The United Nations Environment Program identifies tropical peatlands across South East Asia, Africa, the Caribbean, and South and Central America. Tropical peatlands provide important ecosystem functions, including being home to the world’s largest terrestrial carbon sinks and a wide range of biodiversity, and playing a role in balancing hydrological flows. They also often support the livelihoods of local communities. However, increasingly, tropical peatlands are vulnerable to human and climate-induced threats, including disturbance from deforestation, drainage, and fire for purposes including agriculture, forestry, and resource and infrastructure development. Disturbance of tropical peatlands is an increasing source of greenhouse gas (GHG) emissions (5-10% of emissions globally), regional air pollution (from burning), and socioeconomic, biodiversity, and environmental damage. Wide variability in tropical peatland spatial extent and status of disturbance exists across regions and countries. For example, in some countries, disturbed tropical peatlands are already a leading source of GHG emissions and seasonal fires, while others remain largely undisturbed. Hence, complex but often locally specific trade-offs exist between conservation, development, and livelihood considerations, among stakeholders including government, private sector, and communities in and around peatland areas.
Thus, there are increasing climate, environment, socioeconomic, and political imperatives for devising and implementing sustainable and climate-smart technology and finance and management models for the conservation and restoration of disturbed and undisturbed tropical peatlands. The scope of this Special Issue includes, but is not limited to the following:
- An increased technical understanding of tropical peatland dynamics (including carbon and nitrogen cycles and vulnerability to climate change impacts), rewetting regimes and revegetation practices;
- Emerging stakeholder-led management models, including local and community-driven approaches and private sector value chain transparency and conservation schemes;
- Leveraging the power of innovative technologies, such as the Internet of Things (IoT), blockchain, digital mapping, and satellite imagery, to improve conservation and restoration activities;
- Mobilizing promising sources of finance for conservation and restoration, including climate finance and peatland bonds.

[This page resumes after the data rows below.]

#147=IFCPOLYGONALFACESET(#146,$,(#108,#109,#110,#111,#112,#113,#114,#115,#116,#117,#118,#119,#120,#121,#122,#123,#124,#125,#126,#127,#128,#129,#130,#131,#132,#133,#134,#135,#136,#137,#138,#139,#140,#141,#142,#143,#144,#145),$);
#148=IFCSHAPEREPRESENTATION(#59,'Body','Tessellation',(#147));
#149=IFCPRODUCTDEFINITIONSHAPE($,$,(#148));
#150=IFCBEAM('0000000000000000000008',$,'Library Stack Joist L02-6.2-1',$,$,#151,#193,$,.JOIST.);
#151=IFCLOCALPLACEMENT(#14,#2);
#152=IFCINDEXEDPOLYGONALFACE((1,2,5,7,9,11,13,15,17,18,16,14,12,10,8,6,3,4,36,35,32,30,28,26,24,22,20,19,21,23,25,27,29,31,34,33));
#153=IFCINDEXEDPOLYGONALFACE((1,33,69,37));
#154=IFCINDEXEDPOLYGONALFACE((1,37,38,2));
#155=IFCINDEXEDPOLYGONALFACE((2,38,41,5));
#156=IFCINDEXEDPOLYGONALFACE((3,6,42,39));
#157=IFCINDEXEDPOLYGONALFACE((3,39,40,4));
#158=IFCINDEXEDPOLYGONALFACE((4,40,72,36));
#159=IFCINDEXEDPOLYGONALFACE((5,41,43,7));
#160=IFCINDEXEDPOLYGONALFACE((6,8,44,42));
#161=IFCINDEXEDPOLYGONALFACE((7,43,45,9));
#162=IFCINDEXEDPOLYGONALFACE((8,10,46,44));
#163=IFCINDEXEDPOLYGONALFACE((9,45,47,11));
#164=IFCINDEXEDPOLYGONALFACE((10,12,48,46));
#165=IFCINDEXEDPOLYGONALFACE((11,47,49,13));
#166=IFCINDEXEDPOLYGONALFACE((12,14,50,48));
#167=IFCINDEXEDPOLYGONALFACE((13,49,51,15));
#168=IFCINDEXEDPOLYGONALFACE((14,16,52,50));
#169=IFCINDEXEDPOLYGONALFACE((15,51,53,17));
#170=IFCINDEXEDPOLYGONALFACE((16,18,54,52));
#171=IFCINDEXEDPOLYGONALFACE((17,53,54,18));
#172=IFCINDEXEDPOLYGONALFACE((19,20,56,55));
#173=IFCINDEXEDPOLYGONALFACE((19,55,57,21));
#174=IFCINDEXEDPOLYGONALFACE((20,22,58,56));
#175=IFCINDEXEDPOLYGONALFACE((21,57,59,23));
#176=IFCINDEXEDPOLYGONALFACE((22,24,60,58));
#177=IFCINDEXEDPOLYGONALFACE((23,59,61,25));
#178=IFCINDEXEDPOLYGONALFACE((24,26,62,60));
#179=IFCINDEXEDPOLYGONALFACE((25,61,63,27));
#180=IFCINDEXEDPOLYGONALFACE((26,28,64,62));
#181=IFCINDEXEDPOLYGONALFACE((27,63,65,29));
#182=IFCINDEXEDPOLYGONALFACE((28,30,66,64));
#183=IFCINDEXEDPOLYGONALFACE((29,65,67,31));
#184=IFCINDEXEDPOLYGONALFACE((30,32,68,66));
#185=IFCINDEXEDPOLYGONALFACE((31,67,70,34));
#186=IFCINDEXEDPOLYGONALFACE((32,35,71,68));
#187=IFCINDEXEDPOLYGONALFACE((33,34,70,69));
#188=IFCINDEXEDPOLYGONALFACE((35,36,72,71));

- Embedment into national and local government policy and enforcement programs and linkages to relevant international agreements, such as the Sustainable Development Goals (SDGs) and Paris Agreement Nationally Determined Contributions (NDCs).

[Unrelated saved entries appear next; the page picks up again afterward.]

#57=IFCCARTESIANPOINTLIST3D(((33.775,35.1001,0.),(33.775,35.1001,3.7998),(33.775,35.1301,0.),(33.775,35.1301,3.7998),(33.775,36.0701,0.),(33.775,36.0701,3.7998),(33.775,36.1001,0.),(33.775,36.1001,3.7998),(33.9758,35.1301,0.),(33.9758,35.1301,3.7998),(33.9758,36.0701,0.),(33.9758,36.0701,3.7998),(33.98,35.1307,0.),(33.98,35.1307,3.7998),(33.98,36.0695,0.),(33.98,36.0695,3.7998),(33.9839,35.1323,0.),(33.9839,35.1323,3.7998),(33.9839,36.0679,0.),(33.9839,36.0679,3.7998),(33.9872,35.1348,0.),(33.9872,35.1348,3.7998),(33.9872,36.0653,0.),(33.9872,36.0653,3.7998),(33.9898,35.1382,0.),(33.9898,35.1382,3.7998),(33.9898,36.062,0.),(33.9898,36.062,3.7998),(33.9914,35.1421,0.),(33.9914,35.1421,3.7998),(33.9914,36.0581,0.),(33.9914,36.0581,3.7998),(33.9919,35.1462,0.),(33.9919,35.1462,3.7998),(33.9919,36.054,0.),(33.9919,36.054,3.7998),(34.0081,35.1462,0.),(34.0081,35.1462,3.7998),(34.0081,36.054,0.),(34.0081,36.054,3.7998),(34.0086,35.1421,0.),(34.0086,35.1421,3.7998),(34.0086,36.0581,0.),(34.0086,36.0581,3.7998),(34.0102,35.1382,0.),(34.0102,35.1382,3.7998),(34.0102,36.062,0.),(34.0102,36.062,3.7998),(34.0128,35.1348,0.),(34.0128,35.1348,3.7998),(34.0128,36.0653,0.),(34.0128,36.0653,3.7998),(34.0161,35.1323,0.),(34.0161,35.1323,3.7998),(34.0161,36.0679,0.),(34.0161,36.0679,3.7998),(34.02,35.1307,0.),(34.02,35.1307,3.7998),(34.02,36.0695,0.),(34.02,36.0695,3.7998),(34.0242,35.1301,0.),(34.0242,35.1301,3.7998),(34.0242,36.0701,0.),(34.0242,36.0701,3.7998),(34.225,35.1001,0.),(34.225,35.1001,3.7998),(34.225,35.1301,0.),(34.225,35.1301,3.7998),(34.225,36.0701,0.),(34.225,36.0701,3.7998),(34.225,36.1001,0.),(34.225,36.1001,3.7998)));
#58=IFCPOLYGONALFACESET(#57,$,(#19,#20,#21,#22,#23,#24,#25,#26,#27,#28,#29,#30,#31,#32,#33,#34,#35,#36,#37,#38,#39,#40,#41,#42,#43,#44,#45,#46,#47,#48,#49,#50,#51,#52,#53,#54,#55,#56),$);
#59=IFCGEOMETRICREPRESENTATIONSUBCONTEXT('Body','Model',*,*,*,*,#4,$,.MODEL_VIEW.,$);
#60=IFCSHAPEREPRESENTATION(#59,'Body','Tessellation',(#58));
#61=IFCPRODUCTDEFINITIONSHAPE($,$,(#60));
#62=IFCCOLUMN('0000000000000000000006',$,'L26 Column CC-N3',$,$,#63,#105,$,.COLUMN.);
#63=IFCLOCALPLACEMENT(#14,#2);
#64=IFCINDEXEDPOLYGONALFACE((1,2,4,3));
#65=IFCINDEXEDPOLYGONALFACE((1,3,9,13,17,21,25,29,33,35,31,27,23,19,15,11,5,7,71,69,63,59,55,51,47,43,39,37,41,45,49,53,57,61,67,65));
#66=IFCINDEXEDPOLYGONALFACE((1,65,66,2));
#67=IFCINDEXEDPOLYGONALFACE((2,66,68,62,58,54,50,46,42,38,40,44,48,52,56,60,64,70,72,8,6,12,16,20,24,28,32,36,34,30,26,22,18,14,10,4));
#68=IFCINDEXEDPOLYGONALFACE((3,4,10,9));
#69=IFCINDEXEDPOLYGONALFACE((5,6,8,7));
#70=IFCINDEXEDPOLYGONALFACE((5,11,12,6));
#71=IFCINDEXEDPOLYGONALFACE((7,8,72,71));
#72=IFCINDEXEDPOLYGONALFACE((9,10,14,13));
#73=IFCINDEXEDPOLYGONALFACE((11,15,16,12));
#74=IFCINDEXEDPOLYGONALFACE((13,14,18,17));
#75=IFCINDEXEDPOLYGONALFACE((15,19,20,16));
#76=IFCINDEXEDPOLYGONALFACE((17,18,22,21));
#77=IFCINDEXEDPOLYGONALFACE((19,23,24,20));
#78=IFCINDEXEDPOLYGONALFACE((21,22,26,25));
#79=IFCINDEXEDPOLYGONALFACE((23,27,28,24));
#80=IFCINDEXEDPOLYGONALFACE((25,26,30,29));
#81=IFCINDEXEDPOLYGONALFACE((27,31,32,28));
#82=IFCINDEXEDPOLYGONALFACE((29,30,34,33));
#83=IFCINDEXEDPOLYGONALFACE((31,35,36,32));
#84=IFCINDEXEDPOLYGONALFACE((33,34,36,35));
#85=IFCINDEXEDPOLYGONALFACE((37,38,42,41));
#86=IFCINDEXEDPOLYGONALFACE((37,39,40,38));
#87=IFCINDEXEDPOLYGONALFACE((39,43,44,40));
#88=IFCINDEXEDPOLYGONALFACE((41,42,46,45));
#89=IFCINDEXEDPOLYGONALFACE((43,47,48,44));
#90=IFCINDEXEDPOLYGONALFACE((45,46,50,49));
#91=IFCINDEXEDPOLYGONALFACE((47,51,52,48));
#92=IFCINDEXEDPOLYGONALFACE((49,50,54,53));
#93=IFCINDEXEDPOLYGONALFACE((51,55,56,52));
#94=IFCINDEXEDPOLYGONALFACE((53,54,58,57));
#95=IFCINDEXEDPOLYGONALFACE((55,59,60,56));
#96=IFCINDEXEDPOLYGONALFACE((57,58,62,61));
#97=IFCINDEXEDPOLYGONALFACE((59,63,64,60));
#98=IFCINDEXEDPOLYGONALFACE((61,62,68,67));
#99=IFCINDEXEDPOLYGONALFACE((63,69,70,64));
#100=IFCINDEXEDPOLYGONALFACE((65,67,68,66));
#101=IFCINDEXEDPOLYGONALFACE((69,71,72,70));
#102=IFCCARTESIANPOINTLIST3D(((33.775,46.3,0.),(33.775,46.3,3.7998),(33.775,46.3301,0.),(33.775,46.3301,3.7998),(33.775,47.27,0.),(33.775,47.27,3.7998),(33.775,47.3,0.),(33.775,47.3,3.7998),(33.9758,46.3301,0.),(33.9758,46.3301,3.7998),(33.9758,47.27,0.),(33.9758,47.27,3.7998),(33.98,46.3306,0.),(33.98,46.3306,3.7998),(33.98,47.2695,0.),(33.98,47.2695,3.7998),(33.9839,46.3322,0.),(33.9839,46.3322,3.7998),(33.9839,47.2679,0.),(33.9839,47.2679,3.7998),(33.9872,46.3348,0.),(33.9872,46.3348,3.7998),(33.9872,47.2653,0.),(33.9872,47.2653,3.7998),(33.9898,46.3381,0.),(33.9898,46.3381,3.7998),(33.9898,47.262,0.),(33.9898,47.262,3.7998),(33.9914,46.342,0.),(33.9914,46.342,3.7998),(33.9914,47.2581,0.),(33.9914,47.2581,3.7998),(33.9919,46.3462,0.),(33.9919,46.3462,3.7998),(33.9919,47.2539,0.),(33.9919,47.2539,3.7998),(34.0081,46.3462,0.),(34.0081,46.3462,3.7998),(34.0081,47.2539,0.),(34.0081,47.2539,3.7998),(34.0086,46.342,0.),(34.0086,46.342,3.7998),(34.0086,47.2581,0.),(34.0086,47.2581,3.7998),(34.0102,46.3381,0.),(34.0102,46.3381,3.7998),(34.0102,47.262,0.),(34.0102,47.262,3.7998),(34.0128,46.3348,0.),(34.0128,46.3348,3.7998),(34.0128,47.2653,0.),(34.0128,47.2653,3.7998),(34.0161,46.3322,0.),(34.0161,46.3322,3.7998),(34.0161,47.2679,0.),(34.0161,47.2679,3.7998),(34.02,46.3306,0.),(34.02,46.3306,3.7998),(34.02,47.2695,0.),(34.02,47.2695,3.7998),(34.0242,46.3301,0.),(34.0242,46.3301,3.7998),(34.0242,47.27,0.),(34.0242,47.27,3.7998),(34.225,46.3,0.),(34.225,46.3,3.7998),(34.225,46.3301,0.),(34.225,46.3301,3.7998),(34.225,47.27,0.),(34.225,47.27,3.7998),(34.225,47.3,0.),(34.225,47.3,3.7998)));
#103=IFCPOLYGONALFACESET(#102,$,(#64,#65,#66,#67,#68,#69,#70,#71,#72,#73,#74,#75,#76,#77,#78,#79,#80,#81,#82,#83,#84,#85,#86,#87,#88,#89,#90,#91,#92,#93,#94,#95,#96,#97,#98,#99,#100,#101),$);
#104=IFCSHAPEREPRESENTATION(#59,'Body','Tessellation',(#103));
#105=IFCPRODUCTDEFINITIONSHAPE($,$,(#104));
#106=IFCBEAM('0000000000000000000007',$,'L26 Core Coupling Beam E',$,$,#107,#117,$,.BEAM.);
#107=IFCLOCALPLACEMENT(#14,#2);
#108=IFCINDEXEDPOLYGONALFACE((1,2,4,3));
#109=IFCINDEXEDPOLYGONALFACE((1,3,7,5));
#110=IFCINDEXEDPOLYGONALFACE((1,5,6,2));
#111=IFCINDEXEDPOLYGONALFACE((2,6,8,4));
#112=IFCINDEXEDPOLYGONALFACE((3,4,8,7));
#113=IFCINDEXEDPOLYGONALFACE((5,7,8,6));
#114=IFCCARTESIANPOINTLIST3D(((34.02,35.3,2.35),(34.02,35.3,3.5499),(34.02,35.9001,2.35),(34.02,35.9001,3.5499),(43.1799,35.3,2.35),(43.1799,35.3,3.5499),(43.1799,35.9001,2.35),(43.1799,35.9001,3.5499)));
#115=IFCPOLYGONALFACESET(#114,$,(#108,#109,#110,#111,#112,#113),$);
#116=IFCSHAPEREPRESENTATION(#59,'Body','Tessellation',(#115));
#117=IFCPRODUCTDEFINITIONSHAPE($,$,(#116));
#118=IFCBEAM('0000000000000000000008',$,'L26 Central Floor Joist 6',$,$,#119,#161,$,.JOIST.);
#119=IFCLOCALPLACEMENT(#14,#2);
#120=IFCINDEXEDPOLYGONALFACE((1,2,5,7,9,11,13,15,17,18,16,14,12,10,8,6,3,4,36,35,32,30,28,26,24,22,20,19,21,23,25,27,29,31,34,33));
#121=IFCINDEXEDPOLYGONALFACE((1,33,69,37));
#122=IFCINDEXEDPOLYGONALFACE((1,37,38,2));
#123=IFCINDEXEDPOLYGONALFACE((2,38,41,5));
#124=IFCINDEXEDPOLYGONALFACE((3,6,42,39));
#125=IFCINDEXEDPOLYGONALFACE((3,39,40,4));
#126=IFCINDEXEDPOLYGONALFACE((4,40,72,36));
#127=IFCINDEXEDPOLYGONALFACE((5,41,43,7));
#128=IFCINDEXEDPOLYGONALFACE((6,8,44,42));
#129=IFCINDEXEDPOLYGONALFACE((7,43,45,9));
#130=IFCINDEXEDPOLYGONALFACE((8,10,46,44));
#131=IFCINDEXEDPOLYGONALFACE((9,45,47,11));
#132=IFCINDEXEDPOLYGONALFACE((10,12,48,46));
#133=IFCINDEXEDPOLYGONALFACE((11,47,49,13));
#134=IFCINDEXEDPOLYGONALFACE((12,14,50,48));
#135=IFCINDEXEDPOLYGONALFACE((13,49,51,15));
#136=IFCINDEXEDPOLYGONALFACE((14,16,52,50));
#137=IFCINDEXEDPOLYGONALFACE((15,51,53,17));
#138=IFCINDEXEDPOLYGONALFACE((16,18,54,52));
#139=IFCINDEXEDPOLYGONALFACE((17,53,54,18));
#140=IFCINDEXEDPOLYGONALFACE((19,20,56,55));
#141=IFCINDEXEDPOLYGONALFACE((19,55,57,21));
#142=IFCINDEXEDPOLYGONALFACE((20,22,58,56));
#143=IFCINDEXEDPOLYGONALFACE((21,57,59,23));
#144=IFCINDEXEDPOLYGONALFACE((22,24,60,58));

Ultimately, it is hoped that findings can help improve the plight of tropical peatlands, their role as carbon sinks and biodiversity hotspots, and the sustainability of livelihood opportunities for communities living in and around peatland areas. It is also hoped that by taking a global approach, the insights and findings from one region may be relevant for the sustainable management of tropical peatlands in other regions.
We hope to encourage rich discussion on this important topic and look forward to your potential contribution.

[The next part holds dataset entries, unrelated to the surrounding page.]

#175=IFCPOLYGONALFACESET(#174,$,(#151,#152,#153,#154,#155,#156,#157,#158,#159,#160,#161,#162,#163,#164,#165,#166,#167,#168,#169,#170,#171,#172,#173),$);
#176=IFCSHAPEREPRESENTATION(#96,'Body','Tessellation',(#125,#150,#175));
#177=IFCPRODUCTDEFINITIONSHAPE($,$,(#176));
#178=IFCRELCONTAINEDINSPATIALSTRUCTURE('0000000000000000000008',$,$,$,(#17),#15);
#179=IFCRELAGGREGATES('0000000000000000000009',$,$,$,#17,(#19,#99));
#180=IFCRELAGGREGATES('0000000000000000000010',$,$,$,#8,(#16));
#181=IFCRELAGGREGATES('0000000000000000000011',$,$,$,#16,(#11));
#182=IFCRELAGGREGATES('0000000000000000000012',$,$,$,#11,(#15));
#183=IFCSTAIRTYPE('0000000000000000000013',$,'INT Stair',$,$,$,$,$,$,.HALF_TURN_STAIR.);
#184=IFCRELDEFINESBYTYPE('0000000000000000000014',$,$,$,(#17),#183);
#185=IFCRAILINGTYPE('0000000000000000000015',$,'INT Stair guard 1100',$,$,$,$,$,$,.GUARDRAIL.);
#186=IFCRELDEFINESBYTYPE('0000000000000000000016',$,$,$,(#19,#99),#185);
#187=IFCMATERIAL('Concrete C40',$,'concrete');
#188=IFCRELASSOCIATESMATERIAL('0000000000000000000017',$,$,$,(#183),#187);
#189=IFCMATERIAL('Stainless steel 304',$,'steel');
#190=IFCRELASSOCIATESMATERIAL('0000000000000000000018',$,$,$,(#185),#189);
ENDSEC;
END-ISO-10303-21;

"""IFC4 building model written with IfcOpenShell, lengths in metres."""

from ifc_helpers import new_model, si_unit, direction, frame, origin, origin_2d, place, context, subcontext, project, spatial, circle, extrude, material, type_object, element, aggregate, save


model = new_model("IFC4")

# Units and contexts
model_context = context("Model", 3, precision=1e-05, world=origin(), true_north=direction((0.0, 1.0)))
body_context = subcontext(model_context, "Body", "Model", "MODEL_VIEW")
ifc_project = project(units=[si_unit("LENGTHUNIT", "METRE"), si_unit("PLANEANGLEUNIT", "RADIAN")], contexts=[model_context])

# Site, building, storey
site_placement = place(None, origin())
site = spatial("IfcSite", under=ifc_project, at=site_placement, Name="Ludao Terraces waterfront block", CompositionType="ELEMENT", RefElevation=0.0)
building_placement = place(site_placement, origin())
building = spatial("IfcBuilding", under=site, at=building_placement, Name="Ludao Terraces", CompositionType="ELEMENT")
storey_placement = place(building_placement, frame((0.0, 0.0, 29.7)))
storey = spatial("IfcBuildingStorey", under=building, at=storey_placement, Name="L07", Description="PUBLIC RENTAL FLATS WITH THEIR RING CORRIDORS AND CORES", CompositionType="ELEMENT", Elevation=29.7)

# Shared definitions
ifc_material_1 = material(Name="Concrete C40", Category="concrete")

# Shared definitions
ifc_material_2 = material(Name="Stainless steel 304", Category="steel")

Supplementing existing literature: Peatlands have long been recognized in the scientific literature as important carbon sinks [1–4]. More recently, and worryingly, their increasing role as sources of greenhouse gas emissions has been confirmed, so much so that they are now considered a major global source. For example, tropical peatlands are responsible for an estimated 5–10% of greenhouse gas emissions globally . Beyond the climate change imperative, there are strong biodiversity and livelihood considerations for tropical peatland areas. While the literature on the science of peatlands is increasing, there is less translation of that information into sustainable and climate-smart models for the management of both pristine and degraded peatlands. This Special Issue hopes to promote discussion of such management models and accompanying policy, technology, and financial innovations that may facilitate and support them. Ultimately, it is hoped that the knowledge generated in the Special Issue can help to reduce or reverse the recurring and accelerating disturbance of tropical peatlands and facilitate an exchange of ideas between regions to help do so.
- Harriss, R., Gorham, E., Sebacher, D. et al. Methane flux from northern peatlands. Nature 1985, 315, 652–654.
- Crill, P. M., Bartlett, K. B., Harriss R. C. et al. Methane flux from Minnesota Peatlands. Global Biogeochemical Cycle 1988, 2 (4), 371–384.
- Armentano, T.V. Drainage of organic soils as a factor in world carbon cycle. Bioscience 1980, 30, 825–830.
- Moore, T. R., and Knowles, R. Methane emissions from fen, bog and swamp peatlands in Quebec. Biogeochemistry 1990, 11, 45–61.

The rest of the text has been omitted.